Unnamed: 0,RI,Na,Mg,Al,Si,K,Ca,Ba,Fe,Type
0,1.52101,13.64,4.49,1.1,71.78,0.06,8.75,0.0,0.0,1
1,1.51761,13.89,3.6,1.36,72.73,0.48,7.83,0.0,0.0,1
2,1.51618,13.53,3.55,1.54,72.99,0.39,7.78,0.0,0.0,1
3,1.51766,13.21,3.69,1.29,72.61,0.57,8.22,0.0,0.0,1
4,1.51742,13.27,3.62,1.24,73.08,0.55,8.07,0.0,0.0,1


In [10]:
df_glass.Type.value_counts()

2    76
1    70
7    29
3    17
5    13
6     9
Name: Type, dtype: int64

In [11]:
#build a classification model to predict the glass type

#### What Are Degrees of Freedom?


Degrees of Freedom refers to the maximum number of logically independent values, which are values that have the freedom to vary, in the data sample.

- Consider a data sample consisting of, for the sake of simplicity, five positive integers. The values could be any number with no known relationship between them. 

- This data sample would, theoretically, have five degrees of freedom.

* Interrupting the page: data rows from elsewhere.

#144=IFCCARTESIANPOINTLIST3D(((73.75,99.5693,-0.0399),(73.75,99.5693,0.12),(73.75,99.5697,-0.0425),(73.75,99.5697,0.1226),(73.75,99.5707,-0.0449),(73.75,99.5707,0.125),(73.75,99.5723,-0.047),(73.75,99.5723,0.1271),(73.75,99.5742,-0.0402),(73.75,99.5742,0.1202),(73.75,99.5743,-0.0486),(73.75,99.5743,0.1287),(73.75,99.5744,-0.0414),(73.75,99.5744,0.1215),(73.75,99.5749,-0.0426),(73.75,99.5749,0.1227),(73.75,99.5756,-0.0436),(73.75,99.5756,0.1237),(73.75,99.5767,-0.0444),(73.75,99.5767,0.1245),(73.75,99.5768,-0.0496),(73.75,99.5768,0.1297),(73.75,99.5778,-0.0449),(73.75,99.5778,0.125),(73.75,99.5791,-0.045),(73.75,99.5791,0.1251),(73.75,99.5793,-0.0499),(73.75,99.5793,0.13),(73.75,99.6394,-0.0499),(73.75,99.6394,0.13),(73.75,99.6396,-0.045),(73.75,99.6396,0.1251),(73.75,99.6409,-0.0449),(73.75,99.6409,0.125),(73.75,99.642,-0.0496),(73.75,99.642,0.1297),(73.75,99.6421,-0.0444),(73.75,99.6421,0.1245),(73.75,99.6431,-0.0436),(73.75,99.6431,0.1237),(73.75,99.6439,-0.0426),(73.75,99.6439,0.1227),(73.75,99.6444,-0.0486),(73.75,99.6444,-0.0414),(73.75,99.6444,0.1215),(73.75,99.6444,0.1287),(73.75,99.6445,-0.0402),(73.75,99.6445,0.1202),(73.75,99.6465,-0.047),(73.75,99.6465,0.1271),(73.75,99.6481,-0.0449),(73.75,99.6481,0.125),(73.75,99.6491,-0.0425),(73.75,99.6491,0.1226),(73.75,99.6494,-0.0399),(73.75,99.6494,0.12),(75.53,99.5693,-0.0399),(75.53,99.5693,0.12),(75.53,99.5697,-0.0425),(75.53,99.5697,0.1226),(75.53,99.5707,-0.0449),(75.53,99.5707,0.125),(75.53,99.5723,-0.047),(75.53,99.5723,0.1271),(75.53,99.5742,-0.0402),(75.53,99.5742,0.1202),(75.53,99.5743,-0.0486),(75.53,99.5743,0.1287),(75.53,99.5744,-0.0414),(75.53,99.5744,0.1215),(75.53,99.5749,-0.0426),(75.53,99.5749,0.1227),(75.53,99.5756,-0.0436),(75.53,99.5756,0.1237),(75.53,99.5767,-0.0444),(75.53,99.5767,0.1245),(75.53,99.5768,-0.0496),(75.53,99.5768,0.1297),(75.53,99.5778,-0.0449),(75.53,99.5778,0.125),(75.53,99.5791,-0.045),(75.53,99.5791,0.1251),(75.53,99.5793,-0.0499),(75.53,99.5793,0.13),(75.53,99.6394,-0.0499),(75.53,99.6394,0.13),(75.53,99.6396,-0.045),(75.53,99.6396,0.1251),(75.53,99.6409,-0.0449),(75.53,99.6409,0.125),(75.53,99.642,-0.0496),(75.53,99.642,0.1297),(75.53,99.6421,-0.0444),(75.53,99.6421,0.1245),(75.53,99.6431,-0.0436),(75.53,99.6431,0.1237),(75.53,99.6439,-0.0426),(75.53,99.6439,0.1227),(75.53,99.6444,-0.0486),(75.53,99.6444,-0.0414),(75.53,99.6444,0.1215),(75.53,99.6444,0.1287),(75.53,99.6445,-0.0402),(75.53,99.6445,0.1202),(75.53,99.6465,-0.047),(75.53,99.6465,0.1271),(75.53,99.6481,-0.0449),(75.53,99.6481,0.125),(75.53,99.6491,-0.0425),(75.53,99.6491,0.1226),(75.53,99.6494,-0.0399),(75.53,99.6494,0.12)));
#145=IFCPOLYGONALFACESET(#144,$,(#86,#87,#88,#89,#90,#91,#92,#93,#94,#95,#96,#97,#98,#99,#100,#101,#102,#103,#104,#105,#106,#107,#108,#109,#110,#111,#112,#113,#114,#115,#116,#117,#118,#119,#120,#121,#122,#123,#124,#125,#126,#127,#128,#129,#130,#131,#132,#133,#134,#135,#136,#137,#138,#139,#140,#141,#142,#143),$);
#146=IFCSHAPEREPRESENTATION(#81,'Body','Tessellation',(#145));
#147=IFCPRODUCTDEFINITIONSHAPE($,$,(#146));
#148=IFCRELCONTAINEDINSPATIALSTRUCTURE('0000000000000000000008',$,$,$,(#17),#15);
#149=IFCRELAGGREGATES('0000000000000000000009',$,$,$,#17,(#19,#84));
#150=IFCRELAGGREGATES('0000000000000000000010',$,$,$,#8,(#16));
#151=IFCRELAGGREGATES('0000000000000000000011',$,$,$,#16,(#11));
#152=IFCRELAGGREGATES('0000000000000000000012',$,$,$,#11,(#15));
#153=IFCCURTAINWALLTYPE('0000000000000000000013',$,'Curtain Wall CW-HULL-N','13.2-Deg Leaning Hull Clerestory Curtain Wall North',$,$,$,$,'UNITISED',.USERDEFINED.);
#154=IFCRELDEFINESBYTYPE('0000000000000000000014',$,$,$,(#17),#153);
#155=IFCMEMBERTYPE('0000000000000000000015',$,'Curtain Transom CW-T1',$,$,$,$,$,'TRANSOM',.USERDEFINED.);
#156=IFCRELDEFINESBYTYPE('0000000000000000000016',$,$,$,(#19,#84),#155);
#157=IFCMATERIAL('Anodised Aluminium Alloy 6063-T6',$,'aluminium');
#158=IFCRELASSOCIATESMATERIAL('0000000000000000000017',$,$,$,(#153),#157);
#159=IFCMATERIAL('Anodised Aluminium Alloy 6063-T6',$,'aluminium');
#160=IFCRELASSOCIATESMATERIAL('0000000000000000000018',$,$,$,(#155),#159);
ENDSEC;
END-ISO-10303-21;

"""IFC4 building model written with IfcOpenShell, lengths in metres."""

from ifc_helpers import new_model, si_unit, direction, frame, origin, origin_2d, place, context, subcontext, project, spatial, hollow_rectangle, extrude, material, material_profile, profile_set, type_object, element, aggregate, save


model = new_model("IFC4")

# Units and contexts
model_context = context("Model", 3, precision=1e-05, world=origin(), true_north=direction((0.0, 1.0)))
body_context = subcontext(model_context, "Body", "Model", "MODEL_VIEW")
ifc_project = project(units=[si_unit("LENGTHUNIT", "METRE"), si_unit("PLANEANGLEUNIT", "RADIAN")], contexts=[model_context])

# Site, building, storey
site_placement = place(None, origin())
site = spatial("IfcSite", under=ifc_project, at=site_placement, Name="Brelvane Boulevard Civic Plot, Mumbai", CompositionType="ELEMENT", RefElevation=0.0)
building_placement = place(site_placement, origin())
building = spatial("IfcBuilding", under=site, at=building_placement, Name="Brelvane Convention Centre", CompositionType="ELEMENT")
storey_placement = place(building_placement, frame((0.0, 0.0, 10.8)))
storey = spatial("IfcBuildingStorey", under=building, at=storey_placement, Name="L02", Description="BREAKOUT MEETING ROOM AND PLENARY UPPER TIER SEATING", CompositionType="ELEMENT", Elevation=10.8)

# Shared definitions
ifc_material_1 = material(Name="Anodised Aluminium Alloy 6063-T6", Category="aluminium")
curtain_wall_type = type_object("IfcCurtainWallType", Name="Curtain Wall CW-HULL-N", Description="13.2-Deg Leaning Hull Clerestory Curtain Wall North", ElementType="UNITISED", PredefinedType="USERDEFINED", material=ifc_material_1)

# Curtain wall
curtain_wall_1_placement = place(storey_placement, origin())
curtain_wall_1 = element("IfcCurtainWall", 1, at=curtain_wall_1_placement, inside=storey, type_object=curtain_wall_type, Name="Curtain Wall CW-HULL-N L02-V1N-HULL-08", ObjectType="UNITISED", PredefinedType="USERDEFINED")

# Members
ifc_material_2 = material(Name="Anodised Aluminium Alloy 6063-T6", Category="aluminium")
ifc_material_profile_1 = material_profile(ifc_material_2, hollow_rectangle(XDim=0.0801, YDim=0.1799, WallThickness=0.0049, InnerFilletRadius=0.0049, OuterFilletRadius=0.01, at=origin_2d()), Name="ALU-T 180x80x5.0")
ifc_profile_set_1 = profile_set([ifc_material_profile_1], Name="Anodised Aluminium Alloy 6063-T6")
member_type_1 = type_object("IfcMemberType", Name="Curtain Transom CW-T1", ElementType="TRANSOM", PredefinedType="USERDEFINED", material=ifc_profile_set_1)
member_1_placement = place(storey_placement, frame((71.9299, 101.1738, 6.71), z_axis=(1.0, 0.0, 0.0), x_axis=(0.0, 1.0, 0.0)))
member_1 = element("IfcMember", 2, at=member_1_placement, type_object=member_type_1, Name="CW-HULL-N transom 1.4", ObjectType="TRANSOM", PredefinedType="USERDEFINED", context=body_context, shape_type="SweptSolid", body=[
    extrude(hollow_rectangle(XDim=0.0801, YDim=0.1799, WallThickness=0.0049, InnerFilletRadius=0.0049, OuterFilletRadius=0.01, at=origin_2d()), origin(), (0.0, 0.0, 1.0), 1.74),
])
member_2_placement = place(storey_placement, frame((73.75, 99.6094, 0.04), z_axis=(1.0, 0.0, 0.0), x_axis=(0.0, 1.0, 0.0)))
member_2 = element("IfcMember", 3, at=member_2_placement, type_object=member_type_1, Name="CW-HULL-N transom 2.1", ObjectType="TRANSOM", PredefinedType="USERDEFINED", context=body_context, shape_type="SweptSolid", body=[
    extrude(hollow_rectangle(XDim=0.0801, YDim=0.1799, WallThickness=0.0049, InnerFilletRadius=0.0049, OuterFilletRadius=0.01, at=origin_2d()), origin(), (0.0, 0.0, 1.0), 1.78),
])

- Four of the numbers in the sample are {3, 8, 5, and 4} and the average of the entire data sample is revealed to be 6.

- This must mean that the fifth number has to be 10. It can be nothing else. It does not have the freedom to vary.
So the Degrees of Freedom for this data sample is 4.

The formula for Degrees of Freedom equals the size of the data sample minus one:

\begin{aligned} &\text{D}_\text{f} = N - 1 \\ &\textbf{where:} \\ &\text{D}_\text{f} = \text{degrees of freedom} \\ &N = \text{sample size} \\ \end{aligned}.